You can then load the 5D dataset using OpenEO:

```python
from openeo.local import LocalConnection

conn = LocalConnection("")
ds = conn.load_stac("DATA_5D/items/DATA_5D.json").execute()

> <xarray.DataArray (bands: 1, time: 216, level: 2, y: 96, x: 161, number: 25)> Size: 167MB
> dask.array<stack, shape=(1, 216, 2, 96, 161, 25), dtype=int8, chunksize=(1, 54, 1, 24, 81, 13), chunktype=numpy.ndarray>
> Coordinates:
>   * level        (level) int32 8B 500 850
>   * number       (number) int64 200B 0 1 2 3 4 5 6 7 ... 17 18 19 20 21 22 23 24
>     spatial_ref  int64 8B ...
>   * time         (time) datetime64[ns] 2kB 2016-01-01 2016-01-02 ... 2016-08-03
>   * x            (x) float64 1kB 5.084 5.151 5.218 5.285 ... 15.69 15.76 15.82
>   * y            (y) float64 768B 43.62 43.69 43.75 43.82 ... 49.86 49.93 50.0
>   * bands        (bands) object 8B 'z'
> Attributes:
>     CDI:          Climate Data Interface version 2.0.4 (https://mpimet.mpg.de...
>     CDO:          Climate Data Operators version 2.0.4 (https://mpimet.mpg.de...
>     Conventions:  CF-1.6
>     history:      Tue Feb 27 09:39:09 2024: cdo remapbil,/mnt/CEPH_PROJECTS/I...
```

#### Generate STAC from xarray Dataset (netCDF)

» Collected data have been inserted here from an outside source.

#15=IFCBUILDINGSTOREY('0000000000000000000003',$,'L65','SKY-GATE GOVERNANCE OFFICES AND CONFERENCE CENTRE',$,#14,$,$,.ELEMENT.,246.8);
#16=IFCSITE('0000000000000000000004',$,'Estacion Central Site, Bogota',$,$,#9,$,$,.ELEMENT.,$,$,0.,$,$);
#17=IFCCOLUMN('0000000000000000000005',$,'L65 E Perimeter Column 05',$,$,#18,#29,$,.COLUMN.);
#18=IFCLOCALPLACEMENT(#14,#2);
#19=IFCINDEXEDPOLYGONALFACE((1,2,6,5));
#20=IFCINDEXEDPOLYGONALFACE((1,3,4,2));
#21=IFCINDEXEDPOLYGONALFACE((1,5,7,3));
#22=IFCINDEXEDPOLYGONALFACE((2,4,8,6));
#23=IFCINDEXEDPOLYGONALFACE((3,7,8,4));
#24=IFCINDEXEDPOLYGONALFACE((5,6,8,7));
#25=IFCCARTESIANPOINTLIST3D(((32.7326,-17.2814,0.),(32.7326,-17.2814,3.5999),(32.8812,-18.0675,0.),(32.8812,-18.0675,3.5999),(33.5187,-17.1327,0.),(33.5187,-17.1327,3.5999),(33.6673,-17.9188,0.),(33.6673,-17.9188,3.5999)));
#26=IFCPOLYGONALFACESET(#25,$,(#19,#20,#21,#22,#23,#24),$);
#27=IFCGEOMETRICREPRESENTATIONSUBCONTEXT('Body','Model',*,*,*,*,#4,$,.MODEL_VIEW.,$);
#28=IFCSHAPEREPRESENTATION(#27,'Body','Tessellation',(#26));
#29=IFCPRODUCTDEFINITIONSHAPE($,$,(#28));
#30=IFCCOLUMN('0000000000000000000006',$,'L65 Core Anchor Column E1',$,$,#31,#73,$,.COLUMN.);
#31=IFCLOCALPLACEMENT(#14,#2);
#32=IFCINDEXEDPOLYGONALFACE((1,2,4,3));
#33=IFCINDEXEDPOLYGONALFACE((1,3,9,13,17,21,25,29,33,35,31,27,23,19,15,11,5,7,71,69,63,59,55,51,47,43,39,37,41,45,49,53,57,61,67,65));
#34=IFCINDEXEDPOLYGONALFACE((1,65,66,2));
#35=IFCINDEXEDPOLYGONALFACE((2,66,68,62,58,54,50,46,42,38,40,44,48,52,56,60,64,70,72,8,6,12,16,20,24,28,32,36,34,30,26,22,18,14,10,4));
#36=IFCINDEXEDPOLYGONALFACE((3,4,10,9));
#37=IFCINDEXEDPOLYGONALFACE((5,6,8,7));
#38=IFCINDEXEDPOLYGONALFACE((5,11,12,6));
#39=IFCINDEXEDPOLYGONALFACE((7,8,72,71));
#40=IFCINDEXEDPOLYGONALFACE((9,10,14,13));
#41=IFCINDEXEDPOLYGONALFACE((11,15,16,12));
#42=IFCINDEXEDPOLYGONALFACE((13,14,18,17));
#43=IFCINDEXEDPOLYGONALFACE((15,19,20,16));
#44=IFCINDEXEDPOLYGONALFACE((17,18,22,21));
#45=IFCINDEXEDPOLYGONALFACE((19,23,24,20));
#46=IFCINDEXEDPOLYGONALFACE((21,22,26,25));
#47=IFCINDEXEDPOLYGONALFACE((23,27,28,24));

Use an existing xarray Dataset to generate STAC items in netCDF format:

```python
import xarray as xr
from raster2stac import Raster2STAC

ds = xr.open_dataset("S2_L2A_sample.nc")

rs2stac = Raster2STAC(
    data=ds,  # The xarray Dataset which will be converted
    collection_id="SENTINEL2_L2A_SAMPLE",  # The Collection id we want to set
    collection_url="https://stac.eurac.edu/collections/",  # The URL where the collection will be exposed
    output_folder="SENTINEL2_L2A_SAMPLE_STAC"
).generate_netcdf_stac()
```

#### Generate ZARR STAC from xarray Dataset

Use an existing xarray Dataset to generate STAC items in ZARR format:

```python
import xarray as xr
from datetime import datetime, timezone
from raster2stac import Raster2STAC
import logging
import os
import numpy as np

rs2stac = Raster2STAC(
    data=ds,
    collection_id="R2S_TEST_COLLECTION",
    collection_url="https://10.8.244.74:8082/collections/",
    item_prefix="R2S_TEST",
    output_folder="S2_L2A_sample_ZARR_dataset",
    description="Test Collection",
    title="Raster2STAC Test Collection",
    keywords=["test", "stac", "collection"],
    providers=[
        {
            "url": "https://www.eurac.edu",
            "name": "Eurac Research",
            "roles": ["producer"],
        }
    ],
    stac_version="1.0.0",
    s3_upload=False,
    license="CC-BY-4.0",
    sci_citation="Test citation",
).generate_zarr_stac(item_id="S2_L2A_sample_ZARR")
```

## Key Features

- Convert netCDF files to COG, netCDF, or ZARR formats
- Generate STAC-compliant items and collections
- Support for both file paths and xarray Dataset objects
- Process multiple netCDF files as a list
- Flexible metadata configuration
- Multiple output format options
- Easy data loading using pystac_client and odc.stac
- Integration with STAC APIs and clients

## Common Workflow

A typical workflow with raster2stac involves:

1. Convert your raster data to STAC-compliant assets using Raster2STAC
2. Generate STAC collection and items in your desired format (COG/netCDF/ZARR)
3. Publish or serve the STAC metadata
4. Load and use the data through STAC clients using pystac_client and odc.stac
5. Integrate with STAC catalogs and APIs for discovery and access

## License

This project is distributed with MIT license - see 'LICENSE' for details.